Closed shaozhai closed 2 years ago

shaozhai commented 2 years ago

![Uploading IMG_20220322_160815.jpg…]() ![Uploading IMG_20220322_155057.jpg…]() Is there something wrong with my Settings? Why is the network disconnected!

JonStratton commented 2 years ago

I cant see whatever screenshots you posted. If you want me to help looking at something, start by pasting the text content of "ip a". If you have more than one of these running, also run "sudo batctl n".

shaozhai commented 2 years ago

16480017697702499563990981753105

shaozhai commented 2 years ago

16480018339485018946283749019856

shaozhai commented 2 years ago

16480019022713060766208157011944

JonStratton commented 2 years ago

Yes, that looks correct. The host with the Ethernet connection("Server") has an IP address of 192.168.200.1 on bat0. "bat n" shows that both computers are connected in a mesh. So they are meshed, there might be something else going on with the IPs or the bridging to the internet.

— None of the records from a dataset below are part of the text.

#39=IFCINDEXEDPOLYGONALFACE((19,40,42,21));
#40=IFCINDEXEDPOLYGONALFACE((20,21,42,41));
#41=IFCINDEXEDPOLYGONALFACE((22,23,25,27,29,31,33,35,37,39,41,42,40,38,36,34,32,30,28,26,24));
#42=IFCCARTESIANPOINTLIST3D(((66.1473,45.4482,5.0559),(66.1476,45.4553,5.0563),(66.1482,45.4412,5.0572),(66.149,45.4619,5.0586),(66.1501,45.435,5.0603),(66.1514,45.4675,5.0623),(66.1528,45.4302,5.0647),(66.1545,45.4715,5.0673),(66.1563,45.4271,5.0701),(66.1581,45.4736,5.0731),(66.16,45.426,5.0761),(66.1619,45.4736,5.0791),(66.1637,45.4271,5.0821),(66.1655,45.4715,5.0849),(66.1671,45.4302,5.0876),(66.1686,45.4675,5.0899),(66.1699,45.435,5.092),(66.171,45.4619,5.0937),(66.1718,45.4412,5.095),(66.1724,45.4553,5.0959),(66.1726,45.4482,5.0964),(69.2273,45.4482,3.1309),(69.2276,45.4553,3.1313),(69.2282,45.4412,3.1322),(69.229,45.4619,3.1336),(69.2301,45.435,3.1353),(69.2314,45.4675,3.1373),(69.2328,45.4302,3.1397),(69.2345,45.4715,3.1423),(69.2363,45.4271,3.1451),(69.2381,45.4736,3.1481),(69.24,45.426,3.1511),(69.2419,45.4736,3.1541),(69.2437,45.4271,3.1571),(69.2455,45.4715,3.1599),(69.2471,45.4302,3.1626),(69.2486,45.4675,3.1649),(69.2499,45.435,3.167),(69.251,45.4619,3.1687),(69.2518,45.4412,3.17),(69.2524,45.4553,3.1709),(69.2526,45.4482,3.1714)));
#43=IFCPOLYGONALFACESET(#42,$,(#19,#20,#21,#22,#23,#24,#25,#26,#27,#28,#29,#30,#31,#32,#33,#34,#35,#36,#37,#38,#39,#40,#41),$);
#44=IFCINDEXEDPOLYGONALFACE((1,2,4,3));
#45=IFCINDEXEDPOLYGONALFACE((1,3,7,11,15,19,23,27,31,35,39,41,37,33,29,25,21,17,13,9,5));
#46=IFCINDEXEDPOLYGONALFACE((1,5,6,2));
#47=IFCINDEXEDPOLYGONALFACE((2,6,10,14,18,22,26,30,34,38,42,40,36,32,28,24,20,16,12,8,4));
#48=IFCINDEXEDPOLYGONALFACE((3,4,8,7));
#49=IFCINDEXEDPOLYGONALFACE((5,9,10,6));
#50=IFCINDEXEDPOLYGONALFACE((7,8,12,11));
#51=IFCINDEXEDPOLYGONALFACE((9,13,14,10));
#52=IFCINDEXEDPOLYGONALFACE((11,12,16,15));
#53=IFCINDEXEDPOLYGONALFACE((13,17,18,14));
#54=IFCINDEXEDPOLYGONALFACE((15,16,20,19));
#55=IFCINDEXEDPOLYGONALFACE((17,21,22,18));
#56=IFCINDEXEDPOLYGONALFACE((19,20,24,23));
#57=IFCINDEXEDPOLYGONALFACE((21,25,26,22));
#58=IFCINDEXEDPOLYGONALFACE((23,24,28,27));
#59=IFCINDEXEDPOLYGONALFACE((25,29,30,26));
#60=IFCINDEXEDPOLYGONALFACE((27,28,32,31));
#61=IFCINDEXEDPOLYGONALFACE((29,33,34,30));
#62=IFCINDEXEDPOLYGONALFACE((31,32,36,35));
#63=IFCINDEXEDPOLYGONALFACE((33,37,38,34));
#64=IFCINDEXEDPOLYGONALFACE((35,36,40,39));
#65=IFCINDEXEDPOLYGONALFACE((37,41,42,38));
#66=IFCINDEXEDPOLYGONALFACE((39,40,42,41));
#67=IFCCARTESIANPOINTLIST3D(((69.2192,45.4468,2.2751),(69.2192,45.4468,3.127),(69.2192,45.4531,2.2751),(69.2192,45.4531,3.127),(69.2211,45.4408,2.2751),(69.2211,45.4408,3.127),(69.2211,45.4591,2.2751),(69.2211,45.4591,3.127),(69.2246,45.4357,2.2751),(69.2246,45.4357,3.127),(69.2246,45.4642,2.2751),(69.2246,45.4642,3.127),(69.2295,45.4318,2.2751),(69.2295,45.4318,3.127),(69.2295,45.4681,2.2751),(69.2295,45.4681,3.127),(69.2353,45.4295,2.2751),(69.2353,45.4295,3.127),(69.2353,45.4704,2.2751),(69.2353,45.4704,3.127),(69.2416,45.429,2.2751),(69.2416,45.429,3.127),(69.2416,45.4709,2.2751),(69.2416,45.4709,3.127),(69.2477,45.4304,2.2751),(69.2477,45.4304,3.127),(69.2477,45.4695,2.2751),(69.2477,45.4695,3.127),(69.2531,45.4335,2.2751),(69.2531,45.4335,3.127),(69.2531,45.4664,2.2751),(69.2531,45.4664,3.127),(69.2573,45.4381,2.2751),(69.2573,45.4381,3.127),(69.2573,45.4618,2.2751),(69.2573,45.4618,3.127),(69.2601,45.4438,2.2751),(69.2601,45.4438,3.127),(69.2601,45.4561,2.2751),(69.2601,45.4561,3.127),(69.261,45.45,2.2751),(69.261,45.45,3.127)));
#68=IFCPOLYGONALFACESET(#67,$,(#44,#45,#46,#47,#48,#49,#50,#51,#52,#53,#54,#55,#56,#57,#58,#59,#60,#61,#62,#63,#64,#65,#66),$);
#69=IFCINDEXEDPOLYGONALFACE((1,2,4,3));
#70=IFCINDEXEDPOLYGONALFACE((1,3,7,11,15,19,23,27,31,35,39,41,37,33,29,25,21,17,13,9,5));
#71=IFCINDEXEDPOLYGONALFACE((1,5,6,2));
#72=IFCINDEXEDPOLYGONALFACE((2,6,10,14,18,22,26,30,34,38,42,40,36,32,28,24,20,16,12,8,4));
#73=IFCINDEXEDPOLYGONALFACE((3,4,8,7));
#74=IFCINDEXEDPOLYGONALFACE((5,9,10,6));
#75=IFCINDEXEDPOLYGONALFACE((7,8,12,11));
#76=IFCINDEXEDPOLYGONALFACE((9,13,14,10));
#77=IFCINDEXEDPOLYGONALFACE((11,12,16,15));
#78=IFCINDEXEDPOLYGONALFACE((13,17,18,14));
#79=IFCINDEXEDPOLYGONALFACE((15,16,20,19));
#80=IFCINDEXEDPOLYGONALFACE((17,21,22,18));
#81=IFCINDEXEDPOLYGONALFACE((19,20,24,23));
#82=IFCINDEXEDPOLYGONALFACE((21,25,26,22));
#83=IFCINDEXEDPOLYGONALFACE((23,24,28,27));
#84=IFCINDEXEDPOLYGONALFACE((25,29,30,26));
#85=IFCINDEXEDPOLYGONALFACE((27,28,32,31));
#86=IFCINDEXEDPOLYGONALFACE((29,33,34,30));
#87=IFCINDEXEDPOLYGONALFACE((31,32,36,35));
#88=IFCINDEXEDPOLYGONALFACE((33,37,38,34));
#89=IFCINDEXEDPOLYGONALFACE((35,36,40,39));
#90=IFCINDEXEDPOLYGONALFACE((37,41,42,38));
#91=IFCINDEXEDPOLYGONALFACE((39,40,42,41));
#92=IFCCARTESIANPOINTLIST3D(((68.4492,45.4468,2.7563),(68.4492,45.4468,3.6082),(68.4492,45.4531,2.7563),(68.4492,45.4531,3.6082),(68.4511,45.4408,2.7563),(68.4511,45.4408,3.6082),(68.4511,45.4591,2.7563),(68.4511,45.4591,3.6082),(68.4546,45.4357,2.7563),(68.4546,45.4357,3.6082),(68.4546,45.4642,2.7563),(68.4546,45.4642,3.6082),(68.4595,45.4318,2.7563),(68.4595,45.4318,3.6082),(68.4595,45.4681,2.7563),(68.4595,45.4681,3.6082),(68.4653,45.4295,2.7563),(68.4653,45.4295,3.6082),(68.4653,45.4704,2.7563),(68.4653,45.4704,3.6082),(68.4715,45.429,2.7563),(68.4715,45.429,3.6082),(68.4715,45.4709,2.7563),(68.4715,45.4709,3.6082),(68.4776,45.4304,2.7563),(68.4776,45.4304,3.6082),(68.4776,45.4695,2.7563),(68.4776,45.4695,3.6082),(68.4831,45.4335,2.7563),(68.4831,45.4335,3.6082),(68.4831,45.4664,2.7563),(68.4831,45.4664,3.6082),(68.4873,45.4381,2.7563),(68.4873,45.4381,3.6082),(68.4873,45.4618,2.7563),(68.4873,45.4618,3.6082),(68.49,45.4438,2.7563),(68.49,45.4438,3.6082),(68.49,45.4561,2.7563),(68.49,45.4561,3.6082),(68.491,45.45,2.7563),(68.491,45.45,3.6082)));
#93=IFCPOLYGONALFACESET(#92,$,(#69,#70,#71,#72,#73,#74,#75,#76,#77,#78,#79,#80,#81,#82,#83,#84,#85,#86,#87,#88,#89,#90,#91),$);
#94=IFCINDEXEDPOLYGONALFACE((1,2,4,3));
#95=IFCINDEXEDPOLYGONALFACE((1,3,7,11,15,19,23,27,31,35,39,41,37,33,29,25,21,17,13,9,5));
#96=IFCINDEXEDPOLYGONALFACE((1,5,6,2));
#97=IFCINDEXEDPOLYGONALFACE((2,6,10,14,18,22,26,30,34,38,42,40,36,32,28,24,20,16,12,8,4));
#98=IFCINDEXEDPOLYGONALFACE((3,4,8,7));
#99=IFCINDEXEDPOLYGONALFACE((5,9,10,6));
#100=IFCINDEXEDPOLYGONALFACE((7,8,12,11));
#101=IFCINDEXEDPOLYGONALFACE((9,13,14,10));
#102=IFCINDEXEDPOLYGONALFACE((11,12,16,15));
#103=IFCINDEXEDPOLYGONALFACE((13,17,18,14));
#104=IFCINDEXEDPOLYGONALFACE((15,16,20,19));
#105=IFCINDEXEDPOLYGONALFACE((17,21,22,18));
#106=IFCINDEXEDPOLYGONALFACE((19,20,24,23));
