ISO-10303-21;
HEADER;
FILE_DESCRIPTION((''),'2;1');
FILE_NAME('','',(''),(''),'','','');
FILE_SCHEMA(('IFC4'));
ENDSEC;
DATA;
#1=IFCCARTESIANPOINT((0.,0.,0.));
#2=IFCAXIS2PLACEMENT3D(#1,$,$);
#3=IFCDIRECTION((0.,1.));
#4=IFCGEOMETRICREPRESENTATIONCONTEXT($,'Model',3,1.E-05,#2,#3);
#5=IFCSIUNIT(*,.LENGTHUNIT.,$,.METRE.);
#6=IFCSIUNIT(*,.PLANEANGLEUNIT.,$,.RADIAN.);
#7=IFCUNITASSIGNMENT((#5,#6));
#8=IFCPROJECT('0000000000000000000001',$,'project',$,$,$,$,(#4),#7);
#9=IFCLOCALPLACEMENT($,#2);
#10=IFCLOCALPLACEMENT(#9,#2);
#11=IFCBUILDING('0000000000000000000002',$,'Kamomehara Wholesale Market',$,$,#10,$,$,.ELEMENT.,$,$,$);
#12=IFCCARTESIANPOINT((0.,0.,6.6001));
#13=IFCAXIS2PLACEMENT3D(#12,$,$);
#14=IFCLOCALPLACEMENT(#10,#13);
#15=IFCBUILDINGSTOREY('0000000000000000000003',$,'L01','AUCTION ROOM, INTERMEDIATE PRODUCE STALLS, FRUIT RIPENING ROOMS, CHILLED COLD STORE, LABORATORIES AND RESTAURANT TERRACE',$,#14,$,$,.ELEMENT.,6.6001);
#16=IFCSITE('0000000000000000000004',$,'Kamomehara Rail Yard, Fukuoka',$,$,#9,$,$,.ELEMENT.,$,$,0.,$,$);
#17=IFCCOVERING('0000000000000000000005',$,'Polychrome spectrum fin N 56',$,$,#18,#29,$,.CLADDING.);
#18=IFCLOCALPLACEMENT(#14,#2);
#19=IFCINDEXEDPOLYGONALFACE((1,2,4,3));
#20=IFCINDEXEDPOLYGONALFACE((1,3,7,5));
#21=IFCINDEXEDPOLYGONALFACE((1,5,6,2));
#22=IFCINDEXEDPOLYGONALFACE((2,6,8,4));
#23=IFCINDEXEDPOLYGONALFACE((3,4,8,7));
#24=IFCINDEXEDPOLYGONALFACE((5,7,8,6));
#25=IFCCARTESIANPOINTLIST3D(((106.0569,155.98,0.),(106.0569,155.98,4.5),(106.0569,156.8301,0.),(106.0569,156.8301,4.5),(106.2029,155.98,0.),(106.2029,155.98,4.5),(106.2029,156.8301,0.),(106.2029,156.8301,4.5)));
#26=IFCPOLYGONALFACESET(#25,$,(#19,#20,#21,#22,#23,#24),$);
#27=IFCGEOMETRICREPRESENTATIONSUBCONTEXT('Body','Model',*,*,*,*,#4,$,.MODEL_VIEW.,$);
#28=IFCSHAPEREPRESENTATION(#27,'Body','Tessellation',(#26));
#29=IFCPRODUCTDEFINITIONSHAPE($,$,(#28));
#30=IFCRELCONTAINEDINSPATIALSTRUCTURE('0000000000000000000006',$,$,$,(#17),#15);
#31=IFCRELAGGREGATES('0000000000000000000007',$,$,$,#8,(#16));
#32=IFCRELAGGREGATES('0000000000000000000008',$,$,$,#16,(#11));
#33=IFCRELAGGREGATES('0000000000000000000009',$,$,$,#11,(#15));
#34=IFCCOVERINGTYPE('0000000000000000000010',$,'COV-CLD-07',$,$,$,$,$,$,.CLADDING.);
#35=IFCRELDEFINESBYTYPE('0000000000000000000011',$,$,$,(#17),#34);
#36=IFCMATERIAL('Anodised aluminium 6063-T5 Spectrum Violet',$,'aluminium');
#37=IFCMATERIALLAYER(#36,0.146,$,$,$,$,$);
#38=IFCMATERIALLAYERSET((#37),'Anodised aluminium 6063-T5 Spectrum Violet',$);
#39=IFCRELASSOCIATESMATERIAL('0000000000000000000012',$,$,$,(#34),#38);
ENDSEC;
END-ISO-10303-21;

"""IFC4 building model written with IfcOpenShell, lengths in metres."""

from ifc_helpers import new_model, si_unit, direction, frame, origin, origin_2d, place, context, subcontext, project, spatial, rectangle, extrude, material, layer, layer_set, type_object, element, save


model = new_model("IFC4")

# Units and contexts
model_context = context("Model", 3, precision=1e-05, world=origin(), true_north=direction((0.0, 1.0)))
body_context = subcontext(model_context, "Body", "Model", "MODEL_VIEW")
ifc_project = project(units=[si_unit("LENGTHUNIT", "METRE"), si_unit("PLANEANGLEUNIT", "RADIAN")], contexts=[model_context])

# Site, building, storey
site_placement = place(None, origin())
site = spatial("IfcSite", under=ifc_project, at=site_placement, Name="Kamomehara Rail Yard, Fukuoka", CompositionType="ELEMENT", RefElevation=0.0)
building_placement = place(site_placement, origin())
building = spatial("IfcBuilding", under=site, at=building_placement, Name="Kamomehara Wholesale Market", CompositionType="ELEMENT")
storey_placement = place(building_placement, frame((0.0, 0.0, 6.6001)))
storey = spatial("IfcBuildingStorey", under=building, at=storey_placement, Name="L01", Description="AUCTION ROOM, INTERMEDIATE PRODUCE STALLS, FRUIT RIPENING ROOMS, CHILLED COLD STORE, LABORATORIES AND RESTAURANT TERRACE", CompositionType="ELEMENT", Elevation=6.6001)

# Covering
ifc_material_1 = material(Name="Anodised aluminium 6063-T5 Spectrum Violet", Category="aluminium")
ifc_layer_1 = layer(ifc_material_1, 0.146)
ifc_layer_set_1 = layer_set([ifc_layer_1], Name="Anodised aluminium 6063-T5 Spectrum Violet")
covering_type_1 = type_object("IfcCoveringType", Name="COV-CLD-07", PredefinedType="CLADDING", material=ifc_layer_set_1)
covering_1_placement = place(storey_placement, frame((106.1299, 156.405, 0.0), z_axis=(0.0, 0.0, 1.0), x_axis=(1.0, 0.0, 0.0)))
element("IfcCovering", 1, at=covering_1_placement, inside=storey, type_object=covering_type_1, Name="Polychrome spectrum fin N 56", PredefinedType="CLADDING", context=body_context, shape_type="SweptSolid", body=[
    extrude(rectangle(XDim=0.146, YDim=0.8501, at=origin_2d()), origin(), (0.0, 0.0, 1.0), 4.5),
])

save(model, "model.ifc")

On the computer without the Ethernet connection("Client"), you should also run "ip a". You should see a "192.168.200.??" IP address for the bat0 interface. This means that the Server is acting as a DHCP server for the Client. If not, run "dhclient bat0" on the Client and see if it gets an IP address thats in the "192.168.200.??" range.

If that is the case, you should be able to ping the Server from the Client ("ping 192.168.200.1"). Finally, if the connection is good, you should be able to ping the internet from the Client ("ping 8.8.8.8").

shaozhai commented 2 years ago

IMG_20220324_175312 IMG_20220324_175412 IMG_20220324_175447 Conf file mesh-micro.conf is not found in /etc/dnsmasq.d. Eth0 does not have an IP address. Bat0 has IP address 169.254.11.173

JonStratton commented 2 years ago

It looks like "iptables" was missing from the base install. This may have caused the "client" to not get a dhcp lease from the server. You can probably correct this on the "server" without reinstalling by running "apt-get install iptables" and then rebooting.

Let me know if this doesn't fix your issue. And thanks for the heads up.

shaozhai commented 2 years ago

root@rock3a:~# apt-get install iptables Reading package lists... Done Building dependency tree... Done Reading state information... Done iptables is already the newest version (1.8.7-1ubuntu2). 0 upgraded, 0 newly installed, 0 to remove and 60 not upgraded.